Laplacian Eigenmaps with variational circuits: a quantum embedding of graph data

With the development of quantum algorithms, high-cost computations are being scrutinized in the hope of a quantum advantage. While graphs offer a convenient framework for multiple real-world problems, their analytics still comes with high computation and space. By mapping the graph data into a low dimensional space, in which graph structural information is preserved, the eigenvectors of the Laplacian matrix constitute a powerful node embedding, called Laplacian Eigenmaps. Computing these embeddings is on its own an expensive task knowing that using specific sparse methods, the eigendecomposition of a Laplacian matrix has a cost of O($rn^2$), $r$ being the ratio of nonzero elements.
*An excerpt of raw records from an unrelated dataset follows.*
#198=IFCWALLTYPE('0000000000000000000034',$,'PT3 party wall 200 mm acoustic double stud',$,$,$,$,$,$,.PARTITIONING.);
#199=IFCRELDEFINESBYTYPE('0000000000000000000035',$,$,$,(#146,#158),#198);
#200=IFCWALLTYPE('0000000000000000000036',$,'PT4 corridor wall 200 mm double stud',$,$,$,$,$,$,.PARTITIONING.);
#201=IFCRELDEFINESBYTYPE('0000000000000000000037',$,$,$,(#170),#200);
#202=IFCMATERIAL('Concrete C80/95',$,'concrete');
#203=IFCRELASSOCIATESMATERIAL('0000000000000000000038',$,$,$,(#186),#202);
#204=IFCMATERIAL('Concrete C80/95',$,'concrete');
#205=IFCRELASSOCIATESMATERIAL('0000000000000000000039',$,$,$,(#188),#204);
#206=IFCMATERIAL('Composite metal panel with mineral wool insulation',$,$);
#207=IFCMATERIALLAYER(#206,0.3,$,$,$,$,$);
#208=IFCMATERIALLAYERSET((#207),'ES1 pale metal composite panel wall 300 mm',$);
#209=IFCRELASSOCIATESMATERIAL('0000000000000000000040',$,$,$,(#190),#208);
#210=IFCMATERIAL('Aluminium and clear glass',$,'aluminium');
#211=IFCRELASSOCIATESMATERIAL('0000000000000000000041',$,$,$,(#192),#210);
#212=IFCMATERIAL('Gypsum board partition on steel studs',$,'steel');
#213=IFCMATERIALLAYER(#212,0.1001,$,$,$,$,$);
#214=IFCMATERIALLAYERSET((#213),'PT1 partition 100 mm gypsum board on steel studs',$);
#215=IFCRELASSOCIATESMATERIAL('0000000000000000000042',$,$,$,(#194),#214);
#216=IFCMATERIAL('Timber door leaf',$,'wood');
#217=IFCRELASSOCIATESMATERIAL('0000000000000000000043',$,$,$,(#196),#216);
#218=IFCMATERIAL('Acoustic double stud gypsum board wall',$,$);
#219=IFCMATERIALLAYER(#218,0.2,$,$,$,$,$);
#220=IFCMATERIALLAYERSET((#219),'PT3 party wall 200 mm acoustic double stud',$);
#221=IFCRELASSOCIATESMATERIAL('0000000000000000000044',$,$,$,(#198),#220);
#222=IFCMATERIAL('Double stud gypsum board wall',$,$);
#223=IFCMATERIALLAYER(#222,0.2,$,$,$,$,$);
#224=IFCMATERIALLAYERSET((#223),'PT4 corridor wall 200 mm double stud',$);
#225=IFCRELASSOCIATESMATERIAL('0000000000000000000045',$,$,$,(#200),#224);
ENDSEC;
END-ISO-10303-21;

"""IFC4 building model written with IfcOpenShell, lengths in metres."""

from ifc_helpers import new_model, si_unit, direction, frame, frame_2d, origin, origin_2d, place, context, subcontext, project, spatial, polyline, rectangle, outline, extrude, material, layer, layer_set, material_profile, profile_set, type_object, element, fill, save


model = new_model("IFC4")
We propose a method to compute a Laplacian Eigenmap using a quantum variational circuit. The idea of our algorithm is to reach the eigenstates of the laplacian matrix, which can be considered as a hamiltonian operator, by adapting the variational quantum eigensolver algorithm. By estimating the $d$ first eigenvectors of the Laplacian at the same time, our algorithm directly generates a $d$ dimension quantum embedding of the graph. We demonstrate that it is possible to use the embedding for graph machine learning tasks by implementing a quantum classifier on the top of it. The overall circuit consists in a full quantum node classification algorithm. Tests on 32 nodes graph with a quantum simulator shows that we can achieve similar performances as the classical laplacian eigenmap algorithm. Although mathematical properties of this approximate approach are not fully understood, this algorithm opens perspectives for graph pre-processing using noisy quantum computers.